Adequate, relevant evidence that a reasonable mind might accept to support a conclusion constitutes substantial evidence, and "[e]vidence is insubstantial if it is overwhelmingly contradicted by other evidence." O'Dell v. Shalala, 44 F.3d 855, 858 (10th Cir. 1994).4 The standard "requires more than a scintilla, but less than a preponderance." Lax, 489 F.3d at 1084. "Evidence is not substantial if it is overwhelmed by other evidence—particularly certain types of evidence (e.g., that offered by treating physicians)—or if it really constitutes not evidence but mere conclusion." Gossett v. Bowen, 862 F.2d 802, 805 (10th Cir. 1988) (quoting Fulton v. Heckler, 760 F.2d 1052, 1055 (10th Cir. 1985)). Moreover, "[a] finding of `no substantial evidence' will be found only where there is a conspicuous absence of credible choices or no contrary medical evidence." Trimiar v. Sullivan, 966 F.2d 1326, 1329 (10th Cir. 1992) (quoting Hames v. Heckler, 707 F.2d 162, 164 (5th Cir. 1983)).

Although the reviewing court considers "whether the ALJ followed the specific rules of law that must be followed in weighing particular types of evidence in disability cases," the court "will not reweigh the evidence or substitute [its] judgment for the Commissioner's," Lax, 489 F.3d at 1084 (quoting Hackett v. Barnhart, 395 F.3d 1168, 1172 (10th Cir. 2005)), but will "review only the sufficiency of the evidence," Oldham v. Astrue, 509 F.3d 1254, 1257 (10th Cir. 2007) (emphasis in original). The court does not have to accept the Commissioner's findings mechanically but will "examine the record as a whole, including whatever in the record fairly detracts from the weight of the [Commissioner's] decision and, on that basis, determine if the substantiality of the evidence test has been met." Glenn v. Shalala, 21 F.3d 983, 984 (10th Cir. 1994) (quoting Casias v. Sec'y of Health & Human Servs., 933 F.2d 799, 800-01 (10th Cir. 1991)). "`The possibility of drawing two inconsistent conclusions from the evidence does not prevent an administrative agency's findings from being supported by substantial evidence,'" and the court may not "`displace the agenc[y's] choice between two fairly conflicting views, even though the court would justifiably have made a different choice had the matter been before it de novo.'" Lax, 489 F.3d at 1084 (quoting Zoltanski v. FAA, 372 F.3d 1195, 1200 (10th Cir. 2004)).
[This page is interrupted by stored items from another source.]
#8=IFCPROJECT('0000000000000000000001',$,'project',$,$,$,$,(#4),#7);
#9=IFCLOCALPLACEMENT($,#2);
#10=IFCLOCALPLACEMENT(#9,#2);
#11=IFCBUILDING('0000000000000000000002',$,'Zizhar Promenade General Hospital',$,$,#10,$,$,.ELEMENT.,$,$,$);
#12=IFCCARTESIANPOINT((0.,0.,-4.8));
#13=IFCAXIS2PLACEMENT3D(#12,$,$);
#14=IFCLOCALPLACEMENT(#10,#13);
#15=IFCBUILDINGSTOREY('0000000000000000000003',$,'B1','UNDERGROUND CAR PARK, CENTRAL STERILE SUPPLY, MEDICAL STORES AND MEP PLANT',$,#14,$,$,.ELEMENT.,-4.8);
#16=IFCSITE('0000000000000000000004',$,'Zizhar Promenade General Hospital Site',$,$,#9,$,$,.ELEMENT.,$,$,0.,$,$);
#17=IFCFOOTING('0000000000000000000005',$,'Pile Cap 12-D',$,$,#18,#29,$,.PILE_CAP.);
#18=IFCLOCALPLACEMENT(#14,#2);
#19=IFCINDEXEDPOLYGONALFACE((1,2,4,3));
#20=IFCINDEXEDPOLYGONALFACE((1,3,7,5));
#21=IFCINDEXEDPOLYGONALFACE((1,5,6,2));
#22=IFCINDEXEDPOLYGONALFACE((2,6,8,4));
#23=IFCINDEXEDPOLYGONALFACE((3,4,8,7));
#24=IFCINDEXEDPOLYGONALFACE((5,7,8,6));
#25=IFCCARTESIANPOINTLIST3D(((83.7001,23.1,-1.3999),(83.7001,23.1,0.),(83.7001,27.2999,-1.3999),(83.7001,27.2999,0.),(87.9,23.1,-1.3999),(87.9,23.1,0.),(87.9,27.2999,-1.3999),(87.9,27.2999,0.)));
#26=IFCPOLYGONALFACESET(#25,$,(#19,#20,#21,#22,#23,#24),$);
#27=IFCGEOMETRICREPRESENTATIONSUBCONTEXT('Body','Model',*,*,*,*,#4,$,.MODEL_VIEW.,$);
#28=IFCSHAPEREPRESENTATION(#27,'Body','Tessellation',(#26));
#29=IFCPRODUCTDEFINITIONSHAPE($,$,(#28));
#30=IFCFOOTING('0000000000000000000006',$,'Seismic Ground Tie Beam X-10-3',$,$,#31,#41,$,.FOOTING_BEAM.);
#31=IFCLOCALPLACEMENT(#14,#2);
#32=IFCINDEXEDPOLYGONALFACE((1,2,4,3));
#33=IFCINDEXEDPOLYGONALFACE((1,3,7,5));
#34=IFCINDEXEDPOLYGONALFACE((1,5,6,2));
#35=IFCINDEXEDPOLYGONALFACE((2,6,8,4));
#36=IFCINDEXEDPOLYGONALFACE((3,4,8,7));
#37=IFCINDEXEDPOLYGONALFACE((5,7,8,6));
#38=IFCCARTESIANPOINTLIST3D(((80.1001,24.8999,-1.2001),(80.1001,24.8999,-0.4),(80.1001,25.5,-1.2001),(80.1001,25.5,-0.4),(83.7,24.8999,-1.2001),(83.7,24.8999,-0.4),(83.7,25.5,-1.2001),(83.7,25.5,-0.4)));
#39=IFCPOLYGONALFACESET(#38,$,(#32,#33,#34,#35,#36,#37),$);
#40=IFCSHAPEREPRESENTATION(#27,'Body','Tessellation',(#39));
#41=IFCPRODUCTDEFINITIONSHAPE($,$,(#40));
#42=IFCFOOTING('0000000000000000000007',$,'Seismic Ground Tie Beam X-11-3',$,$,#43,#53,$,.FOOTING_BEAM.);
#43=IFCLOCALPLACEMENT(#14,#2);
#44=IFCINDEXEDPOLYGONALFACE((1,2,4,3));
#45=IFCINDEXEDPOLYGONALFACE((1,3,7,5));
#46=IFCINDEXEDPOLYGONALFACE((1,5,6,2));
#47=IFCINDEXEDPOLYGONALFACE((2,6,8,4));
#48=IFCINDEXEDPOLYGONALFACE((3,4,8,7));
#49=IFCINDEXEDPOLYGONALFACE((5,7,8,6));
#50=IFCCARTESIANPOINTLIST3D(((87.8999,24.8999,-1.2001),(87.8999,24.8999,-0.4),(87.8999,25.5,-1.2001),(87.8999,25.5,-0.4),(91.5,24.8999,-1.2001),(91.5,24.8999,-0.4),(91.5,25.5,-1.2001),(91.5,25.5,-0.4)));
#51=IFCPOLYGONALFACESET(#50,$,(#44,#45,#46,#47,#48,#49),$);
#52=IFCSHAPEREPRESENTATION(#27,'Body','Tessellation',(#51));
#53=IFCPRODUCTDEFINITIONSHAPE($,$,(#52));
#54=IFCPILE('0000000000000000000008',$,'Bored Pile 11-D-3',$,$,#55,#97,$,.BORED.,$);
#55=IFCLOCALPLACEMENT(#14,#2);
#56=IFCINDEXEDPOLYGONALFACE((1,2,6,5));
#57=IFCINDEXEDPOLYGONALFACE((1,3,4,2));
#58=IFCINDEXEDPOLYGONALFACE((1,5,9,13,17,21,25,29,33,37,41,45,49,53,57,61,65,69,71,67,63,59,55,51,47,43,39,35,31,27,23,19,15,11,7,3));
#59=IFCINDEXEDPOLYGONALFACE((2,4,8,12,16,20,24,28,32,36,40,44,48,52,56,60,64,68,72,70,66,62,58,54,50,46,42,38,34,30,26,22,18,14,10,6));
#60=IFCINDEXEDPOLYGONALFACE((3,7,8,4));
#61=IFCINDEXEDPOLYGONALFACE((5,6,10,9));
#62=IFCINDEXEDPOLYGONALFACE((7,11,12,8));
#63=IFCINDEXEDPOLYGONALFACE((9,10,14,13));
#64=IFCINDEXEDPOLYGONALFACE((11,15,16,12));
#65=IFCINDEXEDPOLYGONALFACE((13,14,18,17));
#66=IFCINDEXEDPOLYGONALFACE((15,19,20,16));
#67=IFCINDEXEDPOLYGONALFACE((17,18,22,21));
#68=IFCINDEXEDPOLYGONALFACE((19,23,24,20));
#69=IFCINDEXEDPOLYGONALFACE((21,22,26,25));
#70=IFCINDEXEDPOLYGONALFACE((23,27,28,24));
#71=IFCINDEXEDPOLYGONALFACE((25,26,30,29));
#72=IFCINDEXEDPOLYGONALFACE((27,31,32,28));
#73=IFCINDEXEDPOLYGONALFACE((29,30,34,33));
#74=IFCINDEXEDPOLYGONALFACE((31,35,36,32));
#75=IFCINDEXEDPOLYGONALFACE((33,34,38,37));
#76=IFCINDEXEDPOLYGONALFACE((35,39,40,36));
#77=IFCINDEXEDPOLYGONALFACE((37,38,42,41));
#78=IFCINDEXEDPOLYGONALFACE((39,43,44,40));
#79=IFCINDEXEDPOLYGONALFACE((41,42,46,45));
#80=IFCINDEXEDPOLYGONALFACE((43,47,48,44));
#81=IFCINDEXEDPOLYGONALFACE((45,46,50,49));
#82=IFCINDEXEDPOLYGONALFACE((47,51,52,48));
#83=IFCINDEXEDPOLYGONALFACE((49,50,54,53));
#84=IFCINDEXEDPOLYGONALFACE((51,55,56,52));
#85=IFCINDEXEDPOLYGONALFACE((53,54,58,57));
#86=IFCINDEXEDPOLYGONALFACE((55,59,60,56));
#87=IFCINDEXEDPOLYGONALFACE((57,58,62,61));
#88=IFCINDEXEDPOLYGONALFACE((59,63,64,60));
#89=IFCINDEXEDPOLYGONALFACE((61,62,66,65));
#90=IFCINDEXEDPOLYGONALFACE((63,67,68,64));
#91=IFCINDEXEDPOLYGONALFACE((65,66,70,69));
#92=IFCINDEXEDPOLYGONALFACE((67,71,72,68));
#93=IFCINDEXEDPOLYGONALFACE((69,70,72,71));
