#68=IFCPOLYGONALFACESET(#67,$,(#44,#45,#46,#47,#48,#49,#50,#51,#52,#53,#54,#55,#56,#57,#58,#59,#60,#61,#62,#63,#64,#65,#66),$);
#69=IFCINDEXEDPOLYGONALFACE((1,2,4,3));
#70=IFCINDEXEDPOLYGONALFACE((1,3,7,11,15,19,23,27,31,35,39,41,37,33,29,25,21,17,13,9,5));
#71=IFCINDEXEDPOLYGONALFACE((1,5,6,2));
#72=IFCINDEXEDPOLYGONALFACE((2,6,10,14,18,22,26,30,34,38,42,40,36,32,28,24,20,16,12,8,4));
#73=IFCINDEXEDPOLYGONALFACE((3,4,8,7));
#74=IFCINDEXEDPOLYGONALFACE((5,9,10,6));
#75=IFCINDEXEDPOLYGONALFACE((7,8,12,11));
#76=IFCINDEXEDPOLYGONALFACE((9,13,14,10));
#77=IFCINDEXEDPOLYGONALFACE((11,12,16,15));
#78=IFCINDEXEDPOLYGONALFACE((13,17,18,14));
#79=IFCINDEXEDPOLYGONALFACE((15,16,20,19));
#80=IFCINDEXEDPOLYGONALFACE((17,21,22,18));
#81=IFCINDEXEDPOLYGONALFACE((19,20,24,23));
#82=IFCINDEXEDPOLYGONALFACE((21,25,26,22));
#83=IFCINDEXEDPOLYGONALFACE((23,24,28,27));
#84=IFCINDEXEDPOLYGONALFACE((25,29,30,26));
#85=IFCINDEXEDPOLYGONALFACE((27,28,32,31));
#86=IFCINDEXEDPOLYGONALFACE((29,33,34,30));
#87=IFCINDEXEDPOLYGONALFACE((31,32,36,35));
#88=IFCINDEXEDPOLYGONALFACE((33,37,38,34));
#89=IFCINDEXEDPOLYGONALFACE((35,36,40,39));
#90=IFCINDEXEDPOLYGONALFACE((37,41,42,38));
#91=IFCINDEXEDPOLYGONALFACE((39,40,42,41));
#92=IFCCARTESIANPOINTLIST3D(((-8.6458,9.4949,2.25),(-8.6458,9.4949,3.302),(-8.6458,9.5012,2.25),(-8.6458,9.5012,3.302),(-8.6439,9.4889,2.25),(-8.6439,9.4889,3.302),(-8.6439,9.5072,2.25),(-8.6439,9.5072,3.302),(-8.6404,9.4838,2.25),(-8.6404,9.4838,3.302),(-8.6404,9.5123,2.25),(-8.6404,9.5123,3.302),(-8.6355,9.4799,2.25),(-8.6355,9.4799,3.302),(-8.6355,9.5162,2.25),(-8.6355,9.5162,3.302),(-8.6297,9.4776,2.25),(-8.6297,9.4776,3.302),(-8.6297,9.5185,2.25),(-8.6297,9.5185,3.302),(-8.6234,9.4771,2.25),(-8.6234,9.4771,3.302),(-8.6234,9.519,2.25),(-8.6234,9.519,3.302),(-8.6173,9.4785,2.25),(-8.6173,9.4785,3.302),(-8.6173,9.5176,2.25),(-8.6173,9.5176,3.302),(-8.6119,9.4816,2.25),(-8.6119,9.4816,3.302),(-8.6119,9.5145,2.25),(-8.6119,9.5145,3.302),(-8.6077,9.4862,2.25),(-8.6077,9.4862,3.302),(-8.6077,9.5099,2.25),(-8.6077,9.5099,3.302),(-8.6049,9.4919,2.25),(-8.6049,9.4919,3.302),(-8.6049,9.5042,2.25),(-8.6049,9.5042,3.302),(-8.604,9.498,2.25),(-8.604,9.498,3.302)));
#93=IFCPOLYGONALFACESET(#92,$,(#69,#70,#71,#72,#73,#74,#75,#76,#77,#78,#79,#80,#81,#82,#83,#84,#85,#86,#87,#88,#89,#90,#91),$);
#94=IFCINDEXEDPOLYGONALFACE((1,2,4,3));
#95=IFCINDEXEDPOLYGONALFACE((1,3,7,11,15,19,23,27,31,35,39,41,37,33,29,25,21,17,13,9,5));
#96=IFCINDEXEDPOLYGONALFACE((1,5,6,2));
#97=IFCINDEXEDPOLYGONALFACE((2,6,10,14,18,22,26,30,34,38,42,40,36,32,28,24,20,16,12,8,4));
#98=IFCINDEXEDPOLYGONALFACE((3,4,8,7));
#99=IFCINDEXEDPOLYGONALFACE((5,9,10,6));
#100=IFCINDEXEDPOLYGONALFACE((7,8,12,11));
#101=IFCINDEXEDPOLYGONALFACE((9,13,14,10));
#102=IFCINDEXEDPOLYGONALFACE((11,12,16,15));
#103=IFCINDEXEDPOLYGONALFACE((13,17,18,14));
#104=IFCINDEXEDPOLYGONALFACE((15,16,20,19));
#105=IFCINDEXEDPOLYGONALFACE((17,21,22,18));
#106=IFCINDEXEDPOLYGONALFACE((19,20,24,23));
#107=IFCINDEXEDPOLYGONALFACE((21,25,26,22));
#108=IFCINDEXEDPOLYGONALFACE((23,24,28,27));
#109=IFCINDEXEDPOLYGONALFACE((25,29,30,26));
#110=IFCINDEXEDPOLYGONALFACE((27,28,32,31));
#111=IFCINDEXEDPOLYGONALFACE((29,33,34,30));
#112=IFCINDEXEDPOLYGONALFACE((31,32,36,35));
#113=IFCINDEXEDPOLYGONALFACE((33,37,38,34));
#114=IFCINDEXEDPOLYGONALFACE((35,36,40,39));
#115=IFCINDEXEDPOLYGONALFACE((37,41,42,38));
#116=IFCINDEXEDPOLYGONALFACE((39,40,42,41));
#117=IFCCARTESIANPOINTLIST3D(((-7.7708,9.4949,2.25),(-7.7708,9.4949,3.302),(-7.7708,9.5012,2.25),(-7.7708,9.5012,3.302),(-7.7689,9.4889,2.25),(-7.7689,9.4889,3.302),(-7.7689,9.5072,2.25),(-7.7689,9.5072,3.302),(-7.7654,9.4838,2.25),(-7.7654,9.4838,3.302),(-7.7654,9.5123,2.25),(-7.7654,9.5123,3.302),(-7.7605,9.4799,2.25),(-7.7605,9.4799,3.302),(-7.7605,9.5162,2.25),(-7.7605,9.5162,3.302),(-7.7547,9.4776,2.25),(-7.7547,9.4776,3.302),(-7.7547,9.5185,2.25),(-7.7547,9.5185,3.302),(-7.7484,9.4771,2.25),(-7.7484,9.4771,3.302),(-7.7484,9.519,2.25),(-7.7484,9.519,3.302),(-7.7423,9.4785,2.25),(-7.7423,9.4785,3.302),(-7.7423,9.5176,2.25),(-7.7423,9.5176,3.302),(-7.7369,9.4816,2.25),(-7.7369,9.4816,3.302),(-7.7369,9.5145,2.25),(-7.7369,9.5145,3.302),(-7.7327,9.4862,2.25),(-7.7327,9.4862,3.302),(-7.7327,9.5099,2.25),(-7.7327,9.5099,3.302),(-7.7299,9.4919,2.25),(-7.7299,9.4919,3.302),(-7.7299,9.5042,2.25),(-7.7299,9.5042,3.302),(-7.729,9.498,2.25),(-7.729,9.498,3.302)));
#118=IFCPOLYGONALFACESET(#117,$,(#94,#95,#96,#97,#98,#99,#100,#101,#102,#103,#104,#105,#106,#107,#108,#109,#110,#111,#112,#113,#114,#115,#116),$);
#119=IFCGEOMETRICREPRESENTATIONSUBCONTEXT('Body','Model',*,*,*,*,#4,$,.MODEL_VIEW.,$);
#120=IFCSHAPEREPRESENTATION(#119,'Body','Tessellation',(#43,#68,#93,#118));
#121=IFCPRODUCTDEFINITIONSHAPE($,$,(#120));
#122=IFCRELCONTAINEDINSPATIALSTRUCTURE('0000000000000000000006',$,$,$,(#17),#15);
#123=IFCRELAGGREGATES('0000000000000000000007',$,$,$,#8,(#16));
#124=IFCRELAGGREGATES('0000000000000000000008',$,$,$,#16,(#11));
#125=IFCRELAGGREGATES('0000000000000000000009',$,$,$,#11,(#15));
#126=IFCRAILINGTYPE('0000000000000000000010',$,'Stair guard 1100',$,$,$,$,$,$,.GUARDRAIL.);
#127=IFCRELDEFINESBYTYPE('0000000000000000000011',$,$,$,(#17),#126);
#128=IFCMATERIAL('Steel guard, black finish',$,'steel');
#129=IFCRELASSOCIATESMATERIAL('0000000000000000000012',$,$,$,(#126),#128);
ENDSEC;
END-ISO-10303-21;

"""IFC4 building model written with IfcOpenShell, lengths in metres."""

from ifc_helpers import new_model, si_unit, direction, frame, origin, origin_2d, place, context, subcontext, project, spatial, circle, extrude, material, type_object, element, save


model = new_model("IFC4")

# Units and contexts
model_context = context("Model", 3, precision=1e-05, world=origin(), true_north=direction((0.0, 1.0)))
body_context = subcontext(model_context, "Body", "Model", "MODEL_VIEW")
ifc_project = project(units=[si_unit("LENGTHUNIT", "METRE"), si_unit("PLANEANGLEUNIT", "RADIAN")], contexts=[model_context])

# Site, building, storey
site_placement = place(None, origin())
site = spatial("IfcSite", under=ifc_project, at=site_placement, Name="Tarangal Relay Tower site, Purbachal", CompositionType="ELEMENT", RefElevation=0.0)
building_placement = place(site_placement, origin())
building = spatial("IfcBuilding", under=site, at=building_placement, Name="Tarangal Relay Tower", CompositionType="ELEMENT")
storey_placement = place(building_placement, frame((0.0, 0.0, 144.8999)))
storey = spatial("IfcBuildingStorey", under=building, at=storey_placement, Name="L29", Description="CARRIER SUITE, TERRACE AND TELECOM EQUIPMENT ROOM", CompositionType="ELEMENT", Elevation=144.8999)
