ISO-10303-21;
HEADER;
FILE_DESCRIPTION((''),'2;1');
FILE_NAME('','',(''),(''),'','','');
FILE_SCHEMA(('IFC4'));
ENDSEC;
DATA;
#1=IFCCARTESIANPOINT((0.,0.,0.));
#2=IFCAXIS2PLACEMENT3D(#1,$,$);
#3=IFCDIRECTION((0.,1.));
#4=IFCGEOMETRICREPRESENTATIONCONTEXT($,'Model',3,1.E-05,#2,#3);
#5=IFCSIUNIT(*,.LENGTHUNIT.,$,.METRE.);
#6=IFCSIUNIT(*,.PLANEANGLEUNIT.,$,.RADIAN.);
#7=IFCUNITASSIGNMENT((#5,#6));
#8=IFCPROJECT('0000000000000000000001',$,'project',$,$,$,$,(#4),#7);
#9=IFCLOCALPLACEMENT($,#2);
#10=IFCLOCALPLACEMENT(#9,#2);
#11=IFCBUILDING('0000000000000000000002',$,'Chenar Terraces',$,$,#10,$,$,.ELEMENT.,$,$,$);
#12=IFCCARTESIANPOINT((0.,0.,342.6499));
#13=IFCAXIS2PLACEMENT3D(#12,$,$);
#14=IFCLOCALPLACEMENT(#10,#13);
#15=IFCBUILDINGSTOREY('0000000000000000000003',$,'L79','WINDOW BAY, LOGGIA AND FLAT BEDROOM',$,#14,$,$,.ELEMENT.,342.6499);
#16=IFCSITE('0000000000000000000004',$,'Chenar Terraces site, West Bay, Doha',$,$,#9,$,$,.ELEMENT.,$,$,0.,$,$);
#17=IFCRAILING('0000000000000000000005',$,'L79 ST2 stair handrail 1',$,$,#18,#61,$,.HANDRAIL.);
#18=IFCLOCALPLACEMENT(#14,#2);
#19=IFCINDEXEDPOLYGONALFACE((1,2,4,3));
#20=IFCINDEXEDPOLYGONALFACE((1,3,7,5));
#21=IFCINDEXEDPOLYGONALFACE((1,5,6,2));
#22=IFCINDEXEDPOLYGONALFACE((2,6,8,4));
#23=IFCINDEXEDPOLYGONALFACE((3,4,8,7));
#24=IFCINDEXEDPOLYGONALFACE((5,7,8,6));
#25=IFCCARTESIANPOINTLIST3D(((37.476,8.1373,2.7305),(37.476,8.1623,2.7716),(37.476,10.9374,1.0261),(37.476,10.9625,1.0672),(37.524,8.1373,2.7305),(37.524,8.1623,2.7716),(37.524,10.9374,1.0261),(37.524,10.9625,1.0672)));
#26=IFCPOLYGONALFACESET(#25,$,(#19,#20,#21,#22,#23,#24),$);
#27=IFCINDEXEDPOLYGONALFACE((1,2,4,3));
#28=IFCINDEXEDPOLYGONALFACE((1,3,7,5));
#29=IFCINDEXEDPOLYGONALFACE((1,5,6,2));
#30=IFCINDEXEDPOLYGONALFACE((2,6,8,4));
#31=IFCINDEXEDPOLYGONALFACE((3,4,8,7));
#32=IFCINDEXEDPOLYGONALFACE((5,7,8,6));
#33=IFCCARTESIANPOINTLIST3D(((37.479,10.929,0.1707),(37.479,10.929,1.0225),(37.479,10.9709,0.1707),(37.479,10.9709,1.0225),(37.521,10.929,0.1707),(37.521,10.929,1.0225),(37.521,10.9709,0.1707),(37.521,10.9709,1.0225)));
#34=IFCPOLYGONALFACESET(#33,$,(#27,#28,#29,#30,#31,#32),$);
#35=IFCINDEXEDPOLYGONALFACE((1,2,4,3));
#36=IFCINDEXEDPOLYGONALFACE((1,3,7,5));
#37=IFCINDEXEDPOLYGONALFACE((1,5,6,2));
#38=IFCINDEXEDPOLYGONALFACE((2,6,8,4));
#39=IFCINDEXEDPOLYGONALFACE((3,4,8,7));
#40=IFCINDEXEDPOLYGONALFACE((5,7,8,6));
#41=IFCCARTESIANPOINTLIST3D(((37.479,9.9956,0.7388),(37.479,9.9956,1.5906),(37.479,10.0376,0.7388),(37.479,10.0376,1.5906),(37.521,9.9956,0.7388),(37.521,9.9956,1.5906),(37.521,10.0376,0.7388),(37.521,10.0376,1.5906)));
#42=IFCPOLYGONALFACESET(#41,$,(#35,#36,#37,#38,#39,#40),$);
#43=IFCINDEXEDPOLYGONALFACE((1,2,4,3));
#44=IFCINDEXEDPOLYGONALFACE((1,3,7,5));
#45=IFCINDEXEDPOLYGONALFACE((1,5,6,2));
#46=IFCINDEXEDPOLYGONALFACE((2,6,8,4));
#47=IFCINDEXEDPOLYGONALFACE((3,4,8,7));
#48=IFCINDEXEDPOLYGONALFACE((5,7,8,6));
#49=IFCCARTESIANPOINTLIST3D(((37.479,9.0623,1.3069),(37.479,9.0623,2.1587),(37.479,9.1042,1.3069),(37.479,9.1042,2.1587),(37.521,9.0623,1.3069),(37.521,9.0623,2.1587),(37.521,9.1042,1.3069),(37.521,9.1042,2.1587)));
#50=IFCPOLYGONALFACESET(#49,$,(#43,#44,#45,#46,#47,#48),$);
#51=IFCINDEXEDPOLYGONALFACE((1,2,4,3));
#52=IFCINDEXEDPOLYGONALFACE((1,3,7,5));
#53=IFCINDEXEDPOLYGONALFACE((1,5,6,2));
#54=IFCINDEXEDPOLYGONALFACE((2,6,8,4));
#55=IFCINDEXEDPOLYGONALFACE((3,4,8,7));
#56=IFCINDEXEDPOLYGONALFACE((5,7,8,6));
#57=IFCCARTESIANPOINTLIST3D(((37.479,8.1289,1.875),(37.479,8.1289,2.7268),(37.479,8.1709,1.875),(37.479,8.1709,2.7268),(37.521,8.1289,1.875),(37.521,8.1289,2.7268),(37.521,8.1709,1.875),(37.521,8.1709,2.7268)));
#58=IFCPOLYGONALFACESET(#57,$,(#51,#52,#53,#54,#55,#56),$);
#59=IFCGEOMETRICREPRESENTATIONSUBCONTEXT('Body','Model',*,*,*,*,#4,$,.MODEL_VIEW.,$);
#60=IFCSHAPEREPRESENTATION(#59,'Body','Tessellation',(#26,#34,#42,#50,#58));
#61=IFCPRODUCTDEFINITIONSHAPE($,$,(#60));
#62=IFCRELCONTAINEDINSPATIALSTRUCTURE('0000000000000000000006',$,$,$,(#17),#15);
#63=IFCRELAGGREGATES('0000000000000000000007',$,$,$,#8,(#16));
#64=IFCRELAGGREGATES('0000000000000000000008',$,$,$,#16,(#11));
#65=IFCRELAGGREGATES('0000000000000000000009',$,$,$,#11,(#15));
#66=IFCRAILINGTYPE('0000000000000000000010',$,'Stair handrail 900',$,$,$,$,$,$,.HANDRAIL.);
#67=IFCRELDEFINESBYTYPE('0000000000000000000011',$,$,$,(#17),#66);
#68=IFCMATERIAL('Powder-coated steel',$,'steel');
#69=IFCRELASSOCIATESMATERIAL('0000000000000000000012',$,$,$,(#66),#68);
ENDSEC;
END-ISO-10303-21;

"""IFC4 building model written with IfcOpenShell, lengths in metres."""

from ifc_helpers import new_model, si_unit, direction, frame, origin, origin_2d, place, context, subcontext, project, spatial, rectangle, extrude, material, type_object, element, save


model = new_model("IFC4")

# Units and contexts
model_context = context("Model", 3, precision=1e-05, world=origin(), true_north=direction((0.0, 1.0)))
body_context = subcontext(model_context, "Body", "Model", "MODEL_VIEW")
ifc_project = project(units=[si_unit("LENGTHUNIT", "METRE"), si_unit("PLANEANGLEUNIT", "RADIAN")], contexts=[model_context])

# Site, building, storey
site_placement = place(None, origin())
site = spatial("IfcSite", under=ifc_project, at=site_placement, Name="Chenar Terraces site, West Bay, Doha", CompositionType="ELEMENT", RefElevation=0.0)
building_placement = place(site_placement, origin())
building = spatial("IfcBuilding", under=site, at=building_placement, Name="Chenar Terraces", CompositionType="ELEMENT")
storey_placement = place(building_placement, frame((0.0, 0.0, 342.6499)))
storey = spatial("IfcBuildingStorey", under=building, at=storey_placement, Name="L79", Description="WINDOW BAY, LOGGIA AND FLAT BEDROOM", CompositionType="ELEMENT", Elevation=342.6499)

# Railing
ifc_material_1 = material(Name="Powder-coated steel", Category="steel")
railing_type_1 = type_object("IfcRailingType", Name="Stair handrail 900", PredefinedType="HANDRAIL", material=ifc_material_1)
railing_1_placement = place(storey_placement, frame((37.5, 10.95, 0.1707)))
element("IfcRailing", 1, at=railing_1_placement, inside=storey, type_object=railing_type_1, Name="L79 ST2 stair handrail 1", PredefinedType="HANDRAIL", context=body_context, shape_type="SweptSolid", body=[
    extrude(rectangle(XDim=0.0481, YDim=0.0481, at=origin_2d()), frame((0.0, 0.0, 0.876), z_axis=(0.0, -0.854203, 0.51994), x_axis=(1.0, 0.0, 0.0)), (0.0, 0.0, 1.0), 3.2781),
    extrude(rectangle(XDim=0.042, YDim=0.042, at=origin_2d()), origin(), (0.0, 0.0, 1.0), 0.8518),
    extrude(rectangle(XDim=0.042, YDim=0.042, at=origin_2d()), frame((0.0, -0.9333, 0.5681)), (0.0, 0.0, 1.0), 0.8518),
    extrude(rectangle(XDim=0.042, YDim=0.042, at=origin_2d()), frame((0.0, -1.8667, 1.1362)), (0.0, 0.0, 1.0), 0.8518),
    extrude(rectangle(XDim=0.042, YDim=0.042, at=origin_2d()), frame((0.0, -2.8, 1.7043)), (0.0, 0.0, 1.0), 0.8518),
])

save(model, "model.ifc")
In addition to a lack of substantial evidence, the court may reverse where the Commissioner uses the wrong legal standards or fails to demonstrate reliance on the correct legal standards. See Glass v. Shalala, 43 F.3d 1392, 1395 (10th Cir. 1994); Thomson v. Sullivan, 987 F.2d 1482, 1487 (10th Cir. 1993); Andrade v. Sec'y of Health & Human Servs., 985 F.2d 1045, 1047 (10th Cir. 1993).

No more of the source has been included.